My new mower was delivered at 7:30 am this morning.I've been fighting,whining,nagging and bitchin' for years for this.My FIL has already dissed it.Don't you just hate it when someone tries to rain on your parade?!?!He tried to tell me we needed a commercial mower and the one I bought isn't good enough or big enough for our yard.I then informed him I would not be cutting grass 10-14 hours a day,6 or 7 days a week.My yard is flat except for the small hill behind the pond,the pond takes 1 acre of 5 acres and the house and wooded area take at least another acre.I bought a 20hp mower to cut 3 flat acres 2-3 times a month(depends on rain).I will not be cutting grass at the first sign of clover or dandelions,they are welcome in my yard.I will not cut the grass as short as possible nor will I cut it just to cut it.My FIL had to have the best of everything,even taking out 3 or 4 mortgages on his house to live like that.He lost EVERYTHING 5 yrs ago.I bought what I needed and paid cash.I have no desire or needs to keep up with the Jonses like he did and I'm not going deep in debt to do it either,me and Dale are simple people with 1 mortgage,no credit cards and we still live really well.And we are very happy,something else my FIL doesn't understand.Oh well,I finally got a new mower and I'm satisfied.While cutting the grass,I'll have to come up with new things to gripe about now.I'm on a roll and gotta keep the ball rolling.In 2 mos,I got the garbage piles cleaned up,somebody else's rusting tractor and attachments out of my yard and a new mower.It's been over 10 yrs but my foot is down now.And I think Dale is starting to see the pot of gold at the end of the rainbow now,too.Wish me luck!!!


----------



## robin416 (Sep 8, 2013)

Now the real fight begins. Which one gets to use it the most. 

Not to be arbitrary but your FIL might be right. That is a lot of ground to cover with a mower that size. I had about an acre I did with mine and it took hours to do. Probably because of obstacles because if the piece of crap rider wasn't running and I used the mid size tractor with the bushhog it took me minutes.


----------



## dawg53 (Aug 25, 2015)

Very nice mower CQ! It'll get the job done for you in no time. I paid cash money for mine too


----------



## seminole wind (Aug 22, 2015)

My father has always rained on any parade that comes along. I've learned to prepare a good reply ahead of time. Now I enjoy his negative remarks. It's like a game.

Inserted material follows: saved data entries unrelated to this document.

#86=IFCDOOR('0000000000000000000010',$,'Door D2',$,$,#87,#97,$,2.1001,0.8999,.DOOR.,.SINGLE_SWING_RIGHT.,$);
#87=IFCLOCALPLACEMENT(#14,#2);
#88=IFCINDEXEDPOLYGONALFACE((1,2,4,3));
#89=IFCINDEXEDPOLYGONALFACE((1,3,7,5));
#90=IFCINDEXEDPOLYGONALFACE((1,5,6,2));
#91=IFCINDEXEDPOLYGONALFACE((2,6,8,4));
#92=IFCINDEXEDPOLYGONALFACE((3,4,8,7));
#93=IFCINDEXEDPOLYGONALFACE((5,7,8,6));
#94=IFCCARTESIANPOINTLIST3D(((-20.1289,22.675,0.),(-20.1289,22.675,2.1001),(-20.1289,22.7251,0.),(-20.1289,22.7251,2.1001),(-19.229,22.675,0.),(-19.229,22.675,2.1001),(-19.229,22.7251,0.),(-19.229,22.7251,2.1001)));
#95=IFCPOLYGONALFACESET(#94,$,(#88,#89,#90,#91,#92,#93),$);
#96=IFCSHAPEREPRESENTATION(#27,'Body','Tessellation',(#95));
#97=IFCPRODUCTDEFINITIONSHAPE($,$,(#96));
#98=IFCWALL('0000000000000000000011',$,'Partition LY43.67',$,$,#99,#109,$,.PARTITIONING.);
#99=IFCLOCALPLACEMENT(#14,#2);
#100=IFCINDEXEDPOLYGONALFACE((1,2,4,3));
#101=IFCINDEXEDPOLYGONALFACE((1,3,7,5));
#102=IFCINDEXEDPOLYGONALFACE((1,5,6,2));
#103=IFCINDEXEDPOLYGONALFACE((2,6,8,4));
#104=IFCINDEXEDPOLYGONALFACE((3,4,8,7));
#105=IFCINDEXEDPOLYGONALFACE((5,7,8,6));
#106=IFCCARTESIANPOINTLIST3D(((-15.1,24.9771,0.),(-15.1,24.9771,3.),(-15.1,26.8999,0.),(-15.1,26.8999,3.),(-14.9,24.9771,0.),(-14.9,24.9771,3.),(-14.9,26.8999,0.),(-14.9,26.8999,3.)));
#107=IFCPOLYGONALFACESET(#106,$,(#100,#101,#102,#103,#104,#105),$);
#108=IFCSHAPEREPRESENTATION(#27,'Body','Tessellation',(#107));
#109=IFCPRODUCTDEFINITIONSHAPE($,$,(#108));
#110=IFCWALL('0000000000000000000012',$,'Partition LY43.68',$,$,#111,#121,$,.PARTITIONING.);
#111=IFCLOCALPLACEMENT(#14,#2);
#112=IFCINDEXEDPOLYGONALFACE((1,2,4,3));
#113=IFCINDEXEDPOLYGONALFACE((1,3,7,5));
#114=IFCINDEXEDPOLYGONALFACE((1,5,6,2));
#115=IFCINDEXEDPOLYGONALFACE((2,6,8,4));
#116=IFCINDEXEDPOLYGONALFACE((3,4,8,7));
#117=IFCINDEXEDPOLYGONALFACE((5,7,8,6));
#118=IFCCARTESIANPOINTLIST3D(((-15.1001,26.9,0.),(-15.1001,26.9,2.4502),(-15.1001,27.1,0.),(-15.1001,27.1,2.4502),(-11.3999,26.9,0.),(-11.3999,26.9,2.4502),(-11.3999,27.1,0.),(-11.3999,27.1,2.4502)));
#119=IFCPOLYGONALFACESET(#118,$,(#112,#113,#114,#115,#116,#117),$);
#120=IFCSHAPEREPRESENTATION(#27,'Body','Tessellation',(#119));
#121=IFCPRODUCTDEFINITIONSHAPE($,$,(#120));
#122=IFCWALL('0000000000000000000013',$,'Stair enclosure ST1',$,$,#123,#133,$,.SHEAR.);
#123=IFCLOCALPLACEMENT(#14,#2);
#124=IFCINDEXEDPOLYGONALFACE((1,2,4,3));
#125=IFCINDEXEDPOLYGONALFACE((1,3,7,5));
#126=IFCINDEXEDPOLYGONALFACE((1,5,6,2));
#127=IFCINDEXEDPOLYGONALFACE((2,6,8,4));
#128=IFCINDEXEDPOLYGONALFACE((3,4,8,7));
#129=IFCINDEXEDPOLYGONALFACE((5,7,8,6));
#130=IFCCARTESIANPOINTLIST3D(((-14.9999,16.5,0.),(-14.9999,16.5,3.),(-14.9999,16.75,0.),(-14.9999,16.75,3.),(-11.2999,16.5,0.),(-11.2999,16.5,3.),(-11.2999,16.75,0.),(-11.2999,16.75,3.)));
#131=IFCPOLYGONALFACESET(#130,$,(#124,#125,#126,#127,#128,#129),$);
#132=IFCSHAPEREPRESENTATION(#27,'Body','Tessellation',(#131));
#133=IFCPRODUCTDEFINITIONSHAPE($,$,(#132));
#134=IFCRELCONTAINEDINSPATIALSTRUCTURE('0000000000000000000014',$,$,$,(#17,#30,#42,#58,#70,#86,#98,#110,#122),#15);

Have a great time with the mower.


----------



## nannypattyrn (Aug 23, 2015)

Nice mower! We mowed 8 acres with one that size for years, wore a couple smooth out! Our John Deer is close to 8 years old and still running like a top. Jim really keeps up with the maintenance on it though.


----------



## chickenqueen (Jan 9, 2016)

It went through the tall grass like a pro.When they delivered it,I was suppose to get 2 keys and the driver said the other key was in the bag.It wasn't.And guess where the one key ended up....in Dale's pocket and he took it with him to work.There are no words to describe how angry that made me.I started to go get it but decided it was better for everyone involved that I stay home.He's been buying the lawn mowers he wanted,like the POS X-Mark, that I could not use and I was at his mercy whether the grass got cut or not.Now that I can cut grass,he took the key.BTW,he could never find his key to the X-Mark but I have one on my key chain.He'd come get my keys then leave them in the ignition.He NEVER took them out and put them in his pocket.I had to go out and get them.And he can cut the grass after work or on the weekends along with pushing mowing the small areas and the weed eating.I took his x box because he ain't going to have time to play his video games.He has ALL the yard work to do now.I'm usually really easy to get along with but when someone wants to play little stupid games and makes me mad enough with those stupid little games,it's game over and WWPATTI has begun.I can be mean and stubborn.Just be glad you ain't Dale


----------



## seminole wind (Aug 22, 2015)

I wonder if some of his dearly beloved stuff got misplaced? I'll bet you understand all the strange things that can happen to people. And it all gives you the perfect excuse to get some sheep!


----------



## seminole wind (Aug 22, 2015)

CQ, how far away do you live????


----------



## chickenqueen (Jan 9, 2016)

hahahaha.....Where's the grass? the mower has a little speed.I could be there in a week or so.I can just imagine driving down 75 on a lawn mower.....


----------



## seminole wind (Aug 22, 2015)

This is my beach sand back yard. I tried grass , it won't grow. I would probably need 20 yards of horse manure to get some resemblance of dirt.


----------



## chickenqueen (Jan 9, 2016)

In the past,I dumped the old straw in the tree line to discourage the under growth.Then I read somewhere if you let the chicken poop age for at least 6 mos,it's great fertilizer.This year is the first year I tried this.When I went to get a wheel barrow full,I noticed there was all this rich soil overflowing with huge night crawlers(free bait!!!).Maybe you can make your own dirt by covering your yard in old straw.I even dumped the old goose bedding in a hole left by a tree hoping to fill it and it breaking down to soil.But you don't use straw,do you?I wonder if it dirt would stay on top of the sand or would it get washed away or settle into the sand.What are all those plants that are growing?I hate it when I plant trees or other things and they don't grow and I'm always cutting down random trees that keep popping up in places I don't want trees.It's a never-ending battle....


----------



## seminole wind (Aug 22, 2015)

What happened once is that we got sod for a 50x30 foot area. The first year was wonderful. It was beautiful and had no weeds. The chickens weren't destroying it. The following year, I don't know what happened but around September, the grass just started to thin out and die. If you pulled on it, there was almost no root. When the grass disappeared, the sand always shifted down hill. Or down slope. It was devastating .


----------



## dawg53 (Aug 25, 2015)

chickenqueen said:


> hahahaha.....Where's the grass? the mower has a little speed.I could be there in a week or so.I can just imagine driving down 75 on a lawn mower.....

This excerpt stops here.